4. Oracle 递归有和没有集合来跟踪分配Y
的 s
with
t0 as
(select t.*, dense_rank() over(order by x) rnk from t),
r(rnk,y) as
(
select 1, min(t0.y)
from t0
where rnk = 1
union all
select r.rnk + 1,
nvl((select min(t0.y) y
from t0
where r.rnk + 1 = t0.rnk
and t0.y > r.y), r.y)
from r
where rnk < (select max(rnk) from t0)
)
select x, y
from t0
join (select y, min(rnk) rnk from r group by y) r using (rnk, y)
order by 1;
5. Oracleconnect by
子句(连接字符串的限制为 4000 个字符)
select regexp_substr(m, '~([^#]+)#\d+', 1, level, null, 1) x,
regexp_substr(m, '~[^#]+#(\d+)', 1, level, null, 1) y
from (select min(p) keep(dense_rank first order by l desc, rn) m
from (select rownum rn,
level l,
sys_connect_by_path(x || '#' || y, '~') p
from t
start with (x, y) in (select min(x), min(y) from t)
connect by prior x < x
and prior y < y
and rownum <= (select count(distinct x) from t)))
connect by regexp_substr(m, '~[^#]+#\d', 1, level) is not null;
最后是 Spark + 纯函数式 Scala!(虽然不是 Spark SQL)
val q = """
|select "A" x, 1 y
|union all select "A", 2
|union all select "A", 3
|union all select "B", 1
|union all select "B", 2
|union all select "B", 3
|union all select "C", 4
|union all select "D", 5
|union all select "D", 6
|union all select "E", 5
|union all select "E", 6
"""
val df = spark.sql(q)
import org.apache.spark.sql.Row
import org.apache.spark.sql.types._
import org.apache.spark.sql.catalyst.encoders.RowEncoder
import org.apache.spark.sql.DataFrame
import scala.annotation.tailrec
数据框的转换。
def filterRows(df: DataFrame) = {
val schema = StructType(df.schema.fields :+ StructField("flag", IntegerType))
implicit val encoder = RowEncoder(schema)

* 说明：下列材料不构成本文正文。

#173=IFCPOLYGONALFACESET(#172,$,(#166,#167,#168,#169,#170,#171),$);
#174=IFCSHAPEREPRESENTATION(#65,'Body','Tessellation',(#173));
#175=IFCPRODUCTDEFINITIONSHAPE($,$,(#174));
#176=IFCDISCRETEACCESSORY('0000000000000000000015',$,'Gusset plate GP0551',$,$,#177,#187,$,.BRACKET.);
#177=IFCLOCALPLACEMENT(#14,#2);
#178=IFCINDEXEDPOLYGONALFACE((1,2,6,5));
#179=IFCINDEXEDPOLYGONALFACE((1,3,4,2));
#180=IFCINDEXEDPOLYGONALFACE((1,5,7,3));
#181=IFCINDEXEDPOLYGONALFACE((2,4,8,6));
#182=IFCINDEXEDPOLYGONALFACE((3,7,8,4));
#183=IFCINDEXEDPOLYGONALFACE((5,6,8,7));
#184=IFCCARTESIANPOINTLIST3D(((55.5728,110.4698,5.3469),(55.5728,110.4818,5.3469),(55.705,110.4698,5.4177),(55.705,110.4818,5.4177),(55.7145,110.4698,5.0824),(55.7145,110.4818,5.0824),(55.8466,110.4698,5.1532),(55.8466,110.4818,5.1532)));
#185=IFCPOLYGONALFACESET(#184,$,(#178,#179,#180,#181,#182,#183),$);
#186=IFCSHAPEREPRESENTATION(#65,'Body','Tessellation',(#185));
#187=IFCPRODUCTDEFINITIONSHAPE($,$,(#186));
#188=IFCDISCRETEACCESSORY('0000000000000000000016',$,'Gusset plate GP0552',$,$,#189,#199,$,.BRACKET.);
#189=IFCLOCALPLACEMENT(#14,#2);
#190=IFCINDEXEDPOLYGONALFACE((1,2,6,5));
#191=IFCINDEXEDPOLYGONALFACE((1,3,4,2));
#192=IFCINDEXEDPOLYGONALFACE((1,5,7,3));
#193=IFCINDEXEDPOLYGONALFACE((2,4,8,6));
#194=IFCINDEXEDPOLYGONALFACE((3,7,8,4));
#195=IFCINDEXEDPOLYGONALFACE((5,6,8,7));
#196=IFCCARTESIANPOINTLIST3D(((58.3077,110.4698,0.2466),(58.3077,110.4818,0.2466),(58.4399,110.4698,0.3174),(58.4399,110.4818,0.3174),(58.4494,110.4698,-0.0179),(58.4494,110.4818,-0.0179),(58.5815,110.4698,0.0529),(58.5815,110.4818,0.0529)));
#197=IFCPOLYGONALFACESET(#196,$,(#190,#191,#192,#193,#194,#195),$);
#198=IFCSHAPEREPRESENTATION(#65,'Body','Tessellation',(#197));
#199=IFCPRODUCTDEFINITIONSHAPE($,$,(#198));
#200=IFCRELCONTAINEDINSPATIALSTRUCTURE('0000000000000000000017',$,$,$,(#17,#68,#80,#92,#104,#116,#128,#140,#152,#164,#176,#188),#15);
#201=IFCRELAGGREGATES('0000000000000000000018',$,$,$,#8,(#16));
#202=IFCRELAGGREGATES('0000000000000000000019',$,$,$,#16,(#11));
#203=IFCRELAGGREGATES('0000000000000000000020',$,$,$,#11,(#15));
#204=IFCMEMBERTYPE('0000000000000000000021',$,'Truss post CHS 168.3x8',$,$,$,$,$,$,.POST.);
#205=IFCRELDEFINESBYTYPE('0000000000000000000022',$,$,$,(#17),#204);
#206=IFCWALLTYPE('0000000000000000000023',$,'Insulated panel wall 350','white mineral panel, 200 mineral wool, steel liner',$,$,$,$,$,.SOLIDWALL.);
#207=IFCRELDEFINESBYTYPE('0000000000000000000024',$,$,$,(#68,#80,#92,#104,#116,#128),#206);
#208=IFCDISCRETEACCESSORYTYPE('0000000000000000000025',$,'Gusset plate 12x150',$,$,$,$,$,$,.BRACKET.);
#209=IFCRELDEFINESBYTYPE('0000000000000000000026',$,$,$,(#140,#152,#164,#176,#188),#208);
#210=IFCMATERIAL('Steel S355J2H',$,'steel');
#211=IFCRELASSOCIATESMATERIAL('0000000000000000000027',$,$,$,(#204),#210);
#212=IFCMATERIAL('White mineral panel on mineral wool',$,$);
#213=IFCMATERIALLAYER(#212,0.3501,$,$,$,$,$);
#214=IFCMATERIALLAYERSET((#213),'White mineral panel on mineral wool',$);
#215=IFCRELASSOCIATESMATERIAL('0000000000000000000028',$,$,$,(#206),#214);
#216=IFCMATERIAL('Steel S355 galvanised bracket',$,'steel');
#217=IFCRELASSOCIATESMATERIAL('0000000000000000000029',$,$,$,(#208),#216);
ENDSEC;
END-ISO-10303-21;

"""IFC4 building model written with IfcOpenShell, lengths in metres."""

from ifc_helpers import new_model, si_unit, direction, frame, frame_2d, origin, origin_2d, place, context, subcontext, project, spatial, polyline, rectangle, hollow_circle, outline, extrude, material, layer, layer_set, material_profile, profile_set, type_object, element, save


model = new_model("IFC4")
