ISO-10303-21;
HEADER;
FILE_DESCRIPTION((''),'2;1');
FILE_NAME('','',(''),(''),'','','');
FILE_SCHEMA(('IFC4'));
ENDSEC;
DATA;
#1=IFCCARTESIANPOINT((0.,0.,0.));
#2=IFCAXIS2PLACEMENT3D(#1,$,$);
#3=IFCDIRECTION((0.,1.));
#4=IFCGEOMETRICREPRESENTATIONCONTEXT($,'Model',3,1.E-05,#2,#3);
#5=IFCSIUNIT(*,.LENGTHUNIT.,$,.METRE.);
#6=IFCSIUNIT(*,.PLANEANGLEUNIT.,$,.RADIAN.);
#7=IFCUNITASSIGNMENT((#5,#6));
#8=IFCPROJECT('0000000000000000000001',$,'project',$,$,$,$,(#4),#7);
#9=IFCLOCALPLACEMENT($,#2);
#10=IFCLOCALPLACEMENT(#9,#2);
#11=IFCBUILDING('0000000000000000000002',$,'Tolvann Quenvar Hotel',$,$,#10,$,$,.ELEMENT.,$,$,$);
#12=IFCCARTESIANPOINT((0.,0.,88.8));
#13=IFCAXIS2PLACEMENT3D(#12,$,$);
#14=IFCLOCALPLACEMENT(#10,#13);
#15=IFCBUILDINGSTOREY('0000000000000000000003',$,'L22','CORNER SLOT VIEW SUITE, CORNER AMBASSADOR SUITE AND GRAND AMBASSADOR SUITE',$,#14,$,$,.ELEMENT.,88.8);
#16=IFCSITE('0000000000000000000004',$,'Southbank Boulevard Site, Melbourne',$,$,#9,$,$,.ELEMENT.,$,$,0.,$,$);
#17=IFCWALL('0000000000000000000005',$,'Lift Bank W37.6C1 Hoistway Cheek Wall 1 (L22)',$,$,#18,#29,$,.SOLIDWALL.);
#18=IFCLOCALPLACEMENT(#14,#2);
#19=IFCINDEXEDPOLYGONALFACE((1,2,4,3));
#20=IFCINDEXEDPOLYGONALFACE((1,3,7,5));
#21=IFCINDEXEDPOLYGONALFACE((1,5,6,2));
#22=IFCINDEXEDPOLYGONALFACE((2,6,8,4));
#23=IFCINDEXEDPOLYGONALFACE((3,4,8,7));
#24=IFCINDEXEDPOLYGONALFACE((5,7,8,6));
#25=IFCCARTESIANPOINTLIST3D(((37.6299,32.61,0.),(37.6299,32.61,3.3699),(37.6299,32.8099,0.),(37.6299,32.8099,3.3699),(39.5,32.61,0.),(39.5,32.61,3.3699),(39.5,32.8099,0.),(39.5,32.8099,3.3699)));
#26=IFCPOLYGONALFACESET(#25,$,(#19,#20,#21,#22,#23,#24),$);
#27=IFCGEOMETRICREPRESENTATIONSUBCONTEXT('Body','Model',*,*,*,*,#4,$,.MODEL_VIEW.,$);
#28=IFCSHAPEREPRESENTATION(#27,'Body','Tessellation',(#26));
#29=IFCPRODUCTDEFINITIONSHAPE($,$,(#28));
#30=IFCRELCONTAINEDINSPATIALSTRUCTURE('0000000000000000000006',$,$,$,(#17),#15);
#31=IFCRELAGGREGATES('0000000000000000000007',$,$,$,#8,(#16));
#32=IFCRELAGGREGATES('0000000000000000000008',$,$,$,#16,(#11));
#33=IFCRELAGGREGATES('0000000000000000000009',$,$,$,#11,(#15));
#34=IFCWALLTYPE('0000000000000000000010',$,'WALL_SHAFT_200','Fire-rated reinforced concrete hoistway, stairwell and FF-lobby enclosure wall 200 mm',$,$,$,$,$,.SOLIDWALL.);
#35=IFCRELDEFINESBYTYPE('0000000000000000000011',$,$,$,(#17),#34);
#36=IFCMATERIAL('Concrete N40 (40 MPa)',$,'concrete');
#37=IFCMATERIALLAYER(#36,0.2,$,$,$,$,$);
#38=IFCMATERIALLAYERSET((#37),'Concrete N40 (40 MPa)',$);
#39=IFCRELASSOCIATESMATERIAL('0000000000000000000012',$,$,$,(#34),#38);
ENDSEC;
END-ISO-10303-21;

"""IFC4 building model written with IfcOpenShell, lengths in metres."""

from ifc_helpers import new_model, si_unit, direction, frame, frame_2d, origin, place, context, subcontext, project, spatial, rectangle, extrude, material, layer, layer_set, type_object, element, save


model = new_model("IFC4")

# Units and contexts
model_context = context("Model", 3, precision=1e-05, world=origin(), true_north=direction((0.0, 1.0)))
body_context = subcontext(model_context, "Body", "Model", "MODEL_VIEW")
ifc_project = project(units=[si_unit("LENGTHUNIT", "METRE"), si_unit("PLANEANGLEUNIT", "RADIAN")], contexts=[model_context])

# Site, building, storey
site_placement = place(None, origin())
site = spatial("IfcSite", under=ifc_project, at=site_placement, Name="Southbank Boulevard Site, Melbourne", CompositionType="ELEMENT", RefElevation=0.0)
building_placement = place(site_placement, origin())
building = spatial("IfcBuilding", under=site, at=building_placement, Name="Tolvann Quenvar Hotel", CompositionType="ELEMENT")
storey_placement = place(building_placement, frame((0.0, 0.0, 88.8)))
storey = spatial("IfcBuildingStorey", under=building, at=storey_placement, Name="L22", Description="CORNER SLOT VIEW SUITE, CORNER AMBASSADOR SUITE AND GRAND AMBASSADOR SUITE", CompositionType="ELEMENT", Elevation=88.8)

# Shared definitions
ifc_material_1 = material(Name="Concrete N40 (40 MPa)", Category="concrete")
ifc_layer_1 = layer(ifc_material_1, 0.2)
ifc_layer_set_1 = layer_set([ifc_layer_1], Name="Concrete N40 (40 MPa)")
wall_type_1 = type_object("IfcWallType", Name="WALL_SHAFT_200", Description="Fire-rated reinforced concrete hoistway, stairwell and FF-lobby enclosure wall 200 mm", PredefinedType="SOLIDWALL", material=ifc_layer_set_1)

# Wall
wall_1_placement = place(storey_placement, frame((37.6299, 32.71, 0.0), z_axis=(0.0, 0.0, 1.0), x_axis=(1.0, 0.0, 0.0)))
element("IfcWall", 1, at=wall_1_placement, inside=storey, type_object=wall_type_1, Name="Lift Bank W37.6C1 Hoistway Cheek Wall 1 (L22)", PredefinedType="SOLIDWALL", context=body_context, shape_type="SweptSolid", body=[
    extrude(rectangle(XDim=1.8701, YDim=0.2, at=frame_2d((0.9351, 0.0))), origin(), (0.0, 0.0, 1.0), 3.3699),
])

save(model, "model.ifc")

def getFlag(chk: Boolean, y: Int, a: List[Int]): Integer =
if (chk && a.forall(_ != y)) 1 else null
def updAllocated(f: Integer, y: Int, l: List[Int]) = if (f == 1) y :: l else l
@tailrec def doIt_(iter: Iterator[Row], prevX: String, doCheck: Boolean,
allocated: List[Int], res: Iterator[Row]): Iterator[Row] = {
if (iter.hasNext) {
val r = iter.next
val curX: String = r.getAs("x")
val curY: Int = r.getAs("y")
val doCheck_ = doCheck || curX != prevX
val flag = getFlag(doCheck_, curY, allocated)

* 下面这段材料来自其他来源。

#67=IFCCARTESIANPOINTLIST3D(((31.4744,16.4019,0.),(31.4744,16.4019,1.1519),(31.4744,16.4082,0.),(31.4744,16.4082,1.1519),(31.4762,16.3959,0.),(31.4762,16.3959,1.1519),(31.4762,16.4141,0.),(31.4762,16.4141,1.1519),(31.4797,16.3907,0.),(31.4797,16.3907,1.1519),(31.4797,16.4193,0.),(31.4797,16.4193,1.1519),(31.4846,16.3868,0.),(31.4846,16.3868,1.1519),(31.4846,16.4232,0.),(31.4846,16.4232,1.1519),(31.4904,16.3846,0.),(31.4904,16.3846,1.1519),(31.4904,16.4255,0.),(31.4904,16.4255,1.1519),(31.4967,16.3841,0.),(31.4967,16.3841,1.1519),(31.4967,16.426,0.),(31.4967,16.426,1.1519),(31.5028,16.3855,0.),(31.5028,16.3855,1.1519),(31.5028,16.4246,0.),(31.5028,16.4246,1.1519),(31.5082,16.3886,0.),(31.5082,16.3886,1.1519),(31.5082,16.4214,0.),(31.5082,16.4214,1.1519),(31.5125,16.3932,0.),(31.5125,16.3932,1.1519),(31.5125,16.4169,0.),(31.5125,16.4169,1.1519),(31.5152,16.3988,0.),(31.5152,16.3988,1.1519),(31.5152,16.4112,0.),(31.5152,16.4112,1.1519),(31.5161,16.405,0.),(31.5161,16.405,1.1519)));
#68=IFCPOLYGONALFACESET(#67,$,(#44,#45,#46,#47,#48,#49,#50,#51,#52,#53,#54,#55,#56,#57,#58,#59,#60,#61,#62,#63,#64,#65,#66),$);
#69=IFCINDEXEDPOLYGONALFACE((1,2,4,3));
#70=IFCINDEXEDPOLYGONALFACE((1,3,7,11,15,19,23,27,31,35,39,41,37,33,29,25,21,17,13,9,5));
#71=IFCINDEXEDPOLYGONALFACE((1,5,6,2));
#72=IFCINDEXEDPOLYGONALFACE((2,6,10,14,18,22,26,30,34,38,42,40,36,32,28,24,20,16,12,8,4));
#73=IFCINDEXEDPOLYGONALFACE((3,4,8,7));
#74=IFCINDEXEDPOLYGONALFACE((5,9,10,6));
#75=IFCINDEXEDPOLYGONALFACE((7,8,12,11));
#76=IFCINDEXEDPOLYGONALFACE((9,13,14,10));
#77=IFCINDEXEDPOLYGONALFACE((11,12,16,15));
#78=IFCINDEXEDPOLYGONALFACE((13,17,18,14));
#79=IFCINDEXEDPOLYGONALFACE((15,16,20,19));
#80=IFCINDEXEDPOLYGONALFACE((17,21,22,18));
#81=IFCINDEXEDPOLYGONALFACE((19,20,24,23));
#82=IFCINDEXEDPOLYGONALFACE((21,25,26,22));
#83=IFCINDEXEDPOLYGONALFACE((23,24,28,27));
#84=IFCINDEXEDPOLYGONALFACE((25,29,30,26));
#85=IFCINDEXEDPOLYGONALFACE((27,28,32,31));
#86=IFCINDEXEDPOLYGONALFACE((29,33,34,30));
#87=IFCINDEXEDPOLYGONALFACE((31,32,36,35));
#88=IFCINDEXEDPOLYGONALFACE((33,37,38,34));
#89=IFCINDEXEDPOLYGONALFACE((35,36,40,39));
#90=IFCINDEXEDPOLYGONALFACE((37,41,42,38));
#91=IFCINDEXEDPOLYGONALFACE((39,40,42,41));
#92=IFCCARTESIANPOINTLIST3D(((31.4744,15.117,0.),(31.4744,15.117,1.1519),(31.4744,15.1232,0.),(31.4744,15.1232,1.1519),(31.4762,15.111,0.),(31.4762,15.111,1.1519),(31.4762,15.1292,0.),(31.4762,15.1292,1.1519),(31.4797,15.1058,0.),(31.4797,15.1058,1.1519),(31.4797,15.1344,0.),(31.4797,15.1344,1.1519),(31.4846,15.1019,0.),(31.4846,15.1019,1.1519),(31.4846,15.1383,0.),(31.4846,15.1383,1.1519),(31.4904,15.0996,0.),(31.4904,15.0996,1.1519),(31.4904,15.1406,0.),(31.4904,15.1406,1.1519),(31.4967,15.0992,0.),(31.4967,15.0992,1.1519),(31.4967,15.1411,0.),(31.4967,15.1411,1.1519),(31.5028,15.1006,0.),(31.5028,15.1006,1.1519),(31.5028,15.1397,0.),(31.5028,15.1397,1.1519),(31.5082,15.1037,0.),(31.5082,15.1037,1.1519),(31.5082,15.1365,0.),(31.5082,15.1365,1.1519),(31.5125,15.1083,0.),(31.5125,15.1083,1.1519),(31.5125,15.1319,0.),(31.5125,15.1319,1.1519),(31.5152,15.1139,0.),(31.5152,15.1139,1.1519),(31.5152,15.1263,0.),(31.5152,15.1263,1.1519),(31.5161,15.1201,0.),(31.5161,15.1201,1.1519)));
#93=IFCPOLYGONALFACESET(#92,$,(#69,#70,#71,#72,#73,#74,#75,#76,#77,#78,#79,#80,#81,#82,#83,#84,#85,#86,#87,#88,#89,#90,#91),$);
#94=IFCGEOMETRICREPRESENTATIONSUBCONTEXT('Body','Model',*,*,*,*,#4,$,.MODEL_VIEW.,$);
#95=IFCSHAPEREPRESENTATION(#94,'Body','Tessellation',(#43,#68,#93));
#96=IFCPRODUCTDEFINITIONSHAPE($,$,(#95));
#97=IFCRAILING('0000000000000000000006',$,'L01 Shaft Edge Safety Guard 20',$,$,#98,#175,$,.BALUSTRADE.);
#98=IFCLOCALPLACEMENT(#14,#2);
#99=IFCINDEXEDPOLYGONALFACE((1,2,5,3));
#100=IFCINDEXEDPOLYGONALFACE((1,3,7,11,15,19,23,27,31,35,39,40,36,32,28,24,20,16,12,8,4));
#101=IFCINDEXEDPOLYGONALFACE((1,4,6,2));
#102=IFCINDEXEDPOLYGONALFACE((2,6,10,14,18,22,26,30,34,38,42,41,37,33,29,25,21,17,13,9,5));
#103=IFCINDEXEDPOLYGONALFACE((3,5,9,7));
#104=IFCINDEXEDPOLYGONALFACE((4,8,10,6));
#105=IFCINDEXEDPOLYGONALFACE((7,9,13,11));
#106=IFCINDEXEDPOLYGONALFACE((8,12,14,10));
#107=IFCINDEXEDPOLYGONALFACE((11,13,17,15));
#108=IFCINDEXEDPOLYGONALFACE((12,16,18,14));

doIt_(iter, curX, doCheck_ && flag != 1, updAllocated(flag, curY, allocated),
res ++ Iterator(Row.fromSeq(r.toSeq :+ flag)))
} else res
}
def doIt(iter: Iterator[Row]): Iterator[Row] =
doIt_(iter, "", true, List[Int](), Iterator[Row]())
df.repartition(1).sortWithinPartitions($"x", $"y").mapPartitions(doIt).
filter("flag is not null").select($"x", $"y")
}
在 Spark shell 中测试
scala> filterRows(df).show
+---+---+
| x| y|
+---+---+
| A| 1|
| B| 2|
| C| 4|
| D| 5|
| E| 6|
+---+---+
PS。即使是最直接的 CTE 修改(适用于 MSSQL 方言的选项 4)在 MSSQL 2017 中也不起作用。因为递归成员的标量子查询中不允许使用组函数。
GROUP BY, HAVING, or aggregate functions are not allowed in the recursive part of a recursive common table expression 'r'.
min(t0.y)
用它替换后top 1 (t0.y)
抛出异常
The TOP or OFFSET operator is not allowed in the recursive part of a recursive common table expression 'r'.
Y
但是,如果我们在串联字符串而不是集合中跟踪分配的 s,则选项 2 可以适用于 MSSQL 。